St-Louis : Des coups de ceinture et la tête au-dessus de la cuvette des toilettes

La présidente n'en était qu'à la lecture des faits quand Benoit* est sorti de ses gonds. Il est reproché à ce père de 4 enfants de s'en prendre régulièrement à sa compagne et à ses fils âgés de 16 et 12 ans.
Benoit, pourtant à la barre, se tourne et jette un regard noir sur le banc des victimes. Première remontrance de la présidente qui l'enjoint à ne regarder que le tribunal face à lui et poursuit.
Le jour de son interpellation, le 27 octobre 2022, l'homme a lancé une chaise sur sa compagne en présence des enfants. La dispute éclate pour un compte Facebook que monsieur a créé en secret et pour lequel il n'a pas envie de s'expliquer.
Les enfants entendus lors de la procédure confirment les violences sur la mère : des insultes, des gifles, un vase jeté sur sa tête, ses cheveux tirés...
Benoit coupe la parole et proteste violemment.

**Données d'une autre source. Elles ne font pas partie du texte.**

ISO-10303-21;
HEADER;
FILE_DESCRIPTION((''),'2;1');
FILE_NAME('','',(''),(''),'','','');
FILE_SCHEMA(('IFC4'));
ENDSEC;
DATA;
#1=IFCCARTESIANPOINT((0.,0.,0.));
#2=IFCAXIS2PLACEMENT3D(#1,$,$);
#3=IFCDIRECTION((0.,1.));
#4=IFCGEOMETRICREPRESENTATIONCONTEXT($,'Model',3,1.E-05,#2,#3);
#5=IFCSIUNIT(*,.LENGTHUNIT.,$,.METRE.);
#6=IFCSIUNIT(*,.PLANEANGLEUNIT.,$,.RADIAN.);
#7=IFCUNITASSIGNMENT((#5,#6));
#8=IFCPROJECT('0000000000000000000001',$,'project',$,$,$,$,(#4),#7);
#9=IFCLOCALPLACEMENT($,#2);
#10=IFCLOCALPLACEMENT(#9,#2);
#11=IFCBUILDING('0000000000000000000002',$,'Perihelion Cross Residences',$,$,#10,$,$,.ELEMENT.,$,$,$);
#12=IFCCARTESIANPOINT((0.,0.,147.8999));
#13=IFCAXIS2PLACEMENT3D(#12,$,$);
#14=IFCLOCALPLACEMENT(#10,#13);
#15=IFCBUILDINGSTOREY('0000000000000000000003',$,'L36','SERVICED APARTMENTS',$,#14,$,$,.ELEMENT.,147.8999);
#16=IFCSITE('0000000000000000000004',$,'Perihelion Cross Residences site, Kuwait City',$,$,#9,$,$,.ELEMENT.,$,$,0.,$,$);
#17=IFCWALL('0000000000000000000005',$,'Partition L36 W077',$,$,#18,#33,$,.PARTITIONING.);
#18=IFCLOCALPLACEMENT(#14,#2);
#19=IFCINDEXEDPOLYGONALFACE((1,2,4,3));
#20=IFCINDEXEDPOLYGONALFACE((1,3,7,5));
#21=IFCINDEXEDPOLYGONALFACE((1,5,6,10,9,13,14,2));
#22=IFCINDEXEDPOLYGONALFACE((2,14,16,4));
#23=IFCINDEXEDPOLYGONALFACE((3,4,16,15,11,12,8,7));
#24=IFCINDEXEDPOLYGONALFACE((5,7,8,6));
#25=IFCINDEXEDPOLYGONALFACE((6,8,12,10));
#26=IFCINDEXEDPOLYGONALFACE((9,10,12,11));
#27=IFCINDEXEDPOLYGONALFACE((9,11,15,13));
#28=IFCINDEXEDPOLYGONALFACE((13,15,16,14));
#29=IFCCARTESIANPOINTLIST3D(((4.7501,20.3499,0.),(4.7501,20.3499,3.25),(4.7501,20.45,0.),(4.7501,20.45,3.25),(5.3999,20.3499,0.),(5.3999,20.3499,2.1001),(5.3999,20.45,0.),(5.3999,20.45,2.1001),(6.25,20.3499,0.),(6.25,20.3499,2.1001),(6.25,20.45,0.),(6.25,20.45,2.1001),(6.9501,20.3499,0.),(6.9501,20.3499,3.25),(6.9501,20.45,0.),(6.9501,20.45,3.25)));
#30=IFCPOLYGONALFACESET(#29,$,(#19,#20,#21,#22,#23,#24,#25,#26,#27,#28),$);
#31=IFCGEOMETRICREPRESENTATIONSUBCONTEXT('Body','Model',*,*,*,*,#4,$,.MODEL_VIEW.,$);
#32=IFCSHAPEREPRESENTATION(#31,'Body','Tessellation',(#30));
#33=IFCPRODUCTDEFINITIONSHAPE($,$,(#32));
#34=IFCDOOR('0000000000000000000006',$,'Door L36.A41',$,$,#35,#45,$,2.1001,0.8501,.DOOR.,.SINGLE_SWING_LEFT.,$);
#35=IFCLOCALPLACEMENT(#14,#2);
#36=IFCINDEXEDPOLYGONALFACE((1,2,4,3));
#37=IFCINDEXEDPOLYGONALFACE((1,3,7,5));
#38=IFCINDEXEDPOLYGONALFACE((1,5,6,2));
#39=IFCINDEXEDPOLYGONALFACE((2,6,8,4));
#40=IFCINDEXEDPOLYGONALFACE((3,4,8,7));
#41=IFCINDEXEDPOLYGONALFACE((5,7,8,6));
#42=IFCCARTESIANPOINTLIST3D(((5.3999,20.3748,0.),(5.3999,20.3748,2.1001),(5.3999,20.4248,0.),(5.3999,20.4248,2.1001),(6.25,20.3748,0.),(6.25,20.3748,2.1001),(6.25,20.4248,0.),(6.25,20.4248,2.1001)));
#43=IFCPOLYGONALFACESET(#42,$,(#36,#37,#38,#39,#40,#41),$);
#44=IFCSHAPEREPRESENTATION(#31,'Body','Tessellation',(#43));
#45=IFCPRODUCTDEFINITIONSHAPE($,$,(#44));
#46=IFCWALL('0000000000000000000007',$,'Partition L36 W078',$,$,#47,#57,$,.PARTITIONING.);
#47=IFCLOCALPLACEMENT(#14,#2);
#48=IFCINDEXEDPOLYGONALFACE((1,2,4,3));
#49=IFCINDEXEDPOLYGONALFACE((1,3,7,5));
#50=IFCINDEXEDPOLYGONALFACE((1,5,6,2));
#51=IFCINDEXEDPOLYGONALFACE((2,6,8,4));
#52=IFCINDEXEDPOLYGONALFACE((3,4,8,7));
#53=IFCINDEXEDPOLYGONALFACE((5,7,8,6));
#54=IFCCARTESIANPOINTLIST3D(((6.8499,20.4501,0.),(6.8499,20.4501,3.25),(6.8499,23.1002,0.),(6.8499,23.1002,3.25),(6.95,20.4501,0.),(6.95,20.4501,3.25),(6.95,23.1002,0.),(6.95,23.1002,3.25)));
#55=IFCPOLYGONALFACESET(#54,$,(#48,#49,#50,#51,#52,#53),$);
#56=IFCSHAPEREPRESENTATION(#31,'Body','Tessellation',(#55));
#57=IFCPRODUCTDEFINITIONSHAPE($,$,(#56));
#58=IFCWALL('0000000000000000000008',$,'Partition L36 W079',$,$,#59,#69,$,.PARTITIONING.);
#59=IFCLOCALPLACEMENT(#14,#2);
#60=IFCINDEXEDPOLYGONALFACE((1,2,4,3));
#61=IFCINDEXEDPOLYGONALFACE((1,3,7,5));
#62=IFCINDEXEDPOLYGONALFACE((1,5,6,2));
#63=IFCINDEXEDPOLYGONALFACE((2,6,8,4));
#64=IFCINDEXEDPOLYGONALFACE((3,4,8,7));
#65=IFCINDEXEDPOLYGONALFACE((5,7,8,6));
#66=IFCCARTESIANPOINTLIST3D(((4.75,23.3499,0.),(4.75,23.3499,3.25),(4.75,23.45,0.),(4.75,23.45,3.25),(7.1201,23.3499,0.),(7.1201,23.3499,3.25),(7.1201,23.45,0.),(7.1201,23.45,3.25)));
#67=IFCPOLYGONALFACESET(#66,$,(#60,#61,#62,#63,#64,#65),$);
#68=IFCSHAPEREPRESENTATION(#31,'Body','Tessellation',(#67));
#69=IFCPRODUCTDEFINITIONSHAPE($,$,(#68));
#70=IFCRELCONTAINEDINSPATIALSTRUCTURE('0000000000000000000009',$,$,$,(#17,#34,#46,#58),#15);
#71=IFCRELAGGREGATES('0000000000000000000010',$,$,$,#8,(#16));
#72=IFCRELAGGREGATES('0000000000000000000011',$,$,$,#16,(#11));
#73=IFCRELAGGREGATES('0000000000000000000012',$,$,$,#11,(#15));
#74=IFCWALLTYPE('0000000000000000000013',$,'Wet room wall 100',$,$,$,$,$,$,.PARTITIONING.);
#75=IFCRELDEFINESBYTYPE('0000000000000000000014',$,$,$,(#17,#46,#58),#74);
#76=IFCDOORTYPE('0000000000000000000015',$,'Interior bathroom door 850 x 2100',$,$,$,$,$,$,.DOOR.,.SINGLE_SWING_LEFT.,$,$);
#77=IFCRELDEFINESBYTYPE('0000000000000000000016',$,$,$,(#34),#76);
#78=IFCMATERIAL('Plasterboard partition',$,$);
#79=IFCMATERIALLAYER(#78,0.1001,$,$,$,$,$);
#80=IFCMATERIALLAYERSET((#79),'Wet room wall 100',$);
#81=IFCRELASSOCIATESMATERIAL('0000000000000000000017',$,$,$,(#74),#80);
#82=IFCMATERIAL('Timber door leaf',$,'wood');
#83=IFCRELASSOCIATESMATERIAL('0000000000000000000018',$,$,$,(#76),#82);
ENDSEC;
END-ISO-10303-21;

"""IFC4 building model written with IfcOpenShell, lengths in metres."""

from ifc_helpers import new_model, si_unit, direction, frame, frame_2d, origin, place, context, subcontext, project, spatial, rectangle, extrude, material, layer, layer_set, type_object, element, fill, save


model = new_model("IFC4")

# Units and contexts
model_context = context("Model", 3, precision=1e-05, world=origin(), true_north=direction((0.0, 1.0)))
body_context = subcontext(model_context, "Body", "Model", "MODEL_VIEW")
ifc_project = project(units=[si_unit("LENGTHUNIT", "METRE"), si_unit("PLANEANGLEUNIT", "RADIAN")], contexts=[model_context])

# Site, building, storey
site_placement = place(None, origin())
site = spatial("IfcSite", under=ifc_project, at=site_placement, Name="Perihelion Cross Residences site, Kuwait City", CompositionType="ELEMENT", RefElevation=0.0)
building_placement = place(site_placement, origin())
building = spatial("IfcBuilding", under=site, at=building_placement, Name="Perihelion Cross Residences", CompositionType="ELEMENT")
storey_placement = place(building_placement, frame((0.0, 0.0, 147.8999)))
storey = spatial("IfcBuildingStorey", under=building, at=storey_placement, Name="L36", Description="SERVICED APARTMENTS", CompositionType="ELEMENT", Elevation=147.8999)

# Wall, opening, door
ifc_material_1 = material(Name="Plasterboard partition")
ifc_layer_1 = layer(ifc_material_1, 0.1001)
ifc_layer_set_1 = layer_set([ifc_layer_1], Name="Wet room wall 100")
wall_type_1 = type_object("IfcWallType", Name="Wet room wall 100", PredefinedType="PARTITIONING", material=ifc_layer_set_1)
wall_1_placement = place(storey_placement, frame((4.75, 20.3999, 0.0), z_axis=(0.0, 0.0, 1.0), x_axis=(1.0, 0.0, 0.0)))
wall_1 = element("IfcWall", 1, at=wall_1_placement, inside=storey, type_object=wall_type_1, Name="Partition L36 W077", PredefinedType="PARTITIONING", context=body_context, shape_type="SweptSolid", body=[
    extrude(rectangle(XDim=2.2, YDim=0.1001, at=frame_2d((1.1001, 0.0))), origin(), (0.0, 0.0, 1.0), 3.25),
])
opening_1_placement = place(wall_1_placement, frame((0.6499, 0.0, 0.0)))
opening_1 = element("IfcOpeningElement", 2, at=opening_1_placement, cuts=wall_1, PredefinedType="OPENING", context=body_context, shape_type="SweptSolid", body=[
    extrude(rectangle(XDim=0.8501, YDim=2.1001, at=frame_2d((0.425, 1.05))), frame((0.0, 0.0601, 0.0), z_axis=(0.0, -1.0, 0.0), x_axis=(1.0, 0.0, 0.0)), (0.0, 0.0, 1.0), 0.1201),
])
ifc_material_2 = material(Name="Timber door leaf", Category="wood")
door_type_1 = type_object("IfcDoorType", Name="Interior bathroom door 850 x 2100", OperationType="SINGLE_SWING_LEFT", PredefinedType="DOOR", material=ifc_material_2)
door_1_placement = place(opening_1_placement, origin())
door_1 = element("IfcDoor", 3, at=door_1_placement, inside=storey, type_object=door_type_1, Name="Door L36.A41", OperationType="SINGLE_SWING_LEFT", OverallHeight=2.1001, OverallWidth=0.8501, PredefinedType="DOOR", context=body_context, shape_type="SweptSolid", body=[
    extrude(rectangle(XDim=0.8501, YDim=2.1001, at=frame_2d((0.425, 1.05))), frame((0.0, 0.0249, 0.0), z_axis=(0.0, -1.0, 0.0), x_axis=(1.0, 0.0, 0.0)), (0.0, 0.0, 1.0), 0.05),
])
fill(opening_1, door_1)

# Walls
wall_2_placement = place(storey_placement, frame((6.8999, 20.45, 0.0), z_axis=(0.0, 0.0, 1.0), x_axis=(0.0, 1.0, 0.0)))
element("IfcWall", 4, at=wall_2_placement, inside=storey, type_object=wall_type_1, Name="Partition L36 W078", PredefinedType="PARTITIONING", context=body_context, shape_type="SweptSolid", body=[
    extrude(rectangle(XDim=2.6501, YDim=0.1001, at=frame_2d((1.3252, 0.0))), origin(), (0.0, 0.0, 1.0), 3.25),
])
wall_3_placement = place(storey_placement, frame((4.75, 23.3999, 0.0), z_axis=(0.0, 0.0, 1.0), x_axis=(1.0, 0.0, 0.0)))
element("IfcWall", 5, at=wall_3_placement, inside=storey, type_object=wall_type_1, Name="Partition L36 W079", PredefinedType="PARTITIONING", context=body_context, shape_type="SweptSolid", body=[
    extrude(rectangle(XDim=2.3701, YDim=0.1001, at=frame_2d((1.1851, 0.0))), origin(), (0.0, 0.0, 1.0), 3.25),
])

save(model, "model.ifc")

L'homme refuse de laisser parler la présidente. “En tant que père on n'a jamais rien le droit de dire”, s'emporte-t-il avant de préférer quitter le tribunal. Un départ qui inquiète le prétoire. Benoit est revenu depuis peu au domicile familial même si la séparation du couple est bel et bien consommée. L'homme pourrait se venger à l'issue du procès.
Les coups "seulement quand ils font des bêtises"
Les faits décrits par les deux adolescents lors de leur audition font également froid dans le dos. Benoit semblait s'acharner sur le cadet, “plus difficile”. Un épisode résonne particulièrement outre les coups de ceinture et les gifles. Non satisfait de la manière dont il a nettoyé les toilettes, Benoit va attraper son fils et positionner sa tête au-dessus de la cuvette des toilettes.
Le premier de 16 ans, considérablement amaigri, a été hospitalisé très récemment sous l'effet du stress de la situation.
Entendu durant l'enquête, Benoit a reconnu une partie des faits. Les coups de ceinture “seulement quand ils font des bêtises” et s'il a lancé la chaise c'est “parce que quand elle crie c'est insupportable. Tout ce qu'elle dit est faux et ça me dégoute”.
Des “violences quotidiennes d'un tyran domestique”, résume le conseil de la partie civile Me Farid Issé. “Les enfants sont pris dans un conflit de loyauté impossible pour eux mais ils ont fini par craquer et témoigner de violences”. Il demande 1 euro symbolique de dommages et intérêts pour la mère et 1.500 euros pour chacun des enfants.
Les violences physiques et psychologiques sont caractérisées, note le parquet qui insiste sur le “courage de dénoncer” également des idées éducatives “du XIXe siècle”. Frapper un enfant est aujourd'hui interdit, rappelle-t-il.
Benoit, son casier judiciaire jusque-là vierge a été condamné à 12 mois de prison avec sursis, l'interdiction de contact et de paraitre au domicile des victimes mais aussi des parents de celle-ci. Au vu de sa potentielle dangerosité, le tribunal a également prononcé l'interdiction de paraitre dans le quartier du Gol et de Plateau Goyave. L'autorité parentale lui a été retirée et une interdiction de porter une arme durant 5 ans a été prononcée, le tout avec exécution provisoire.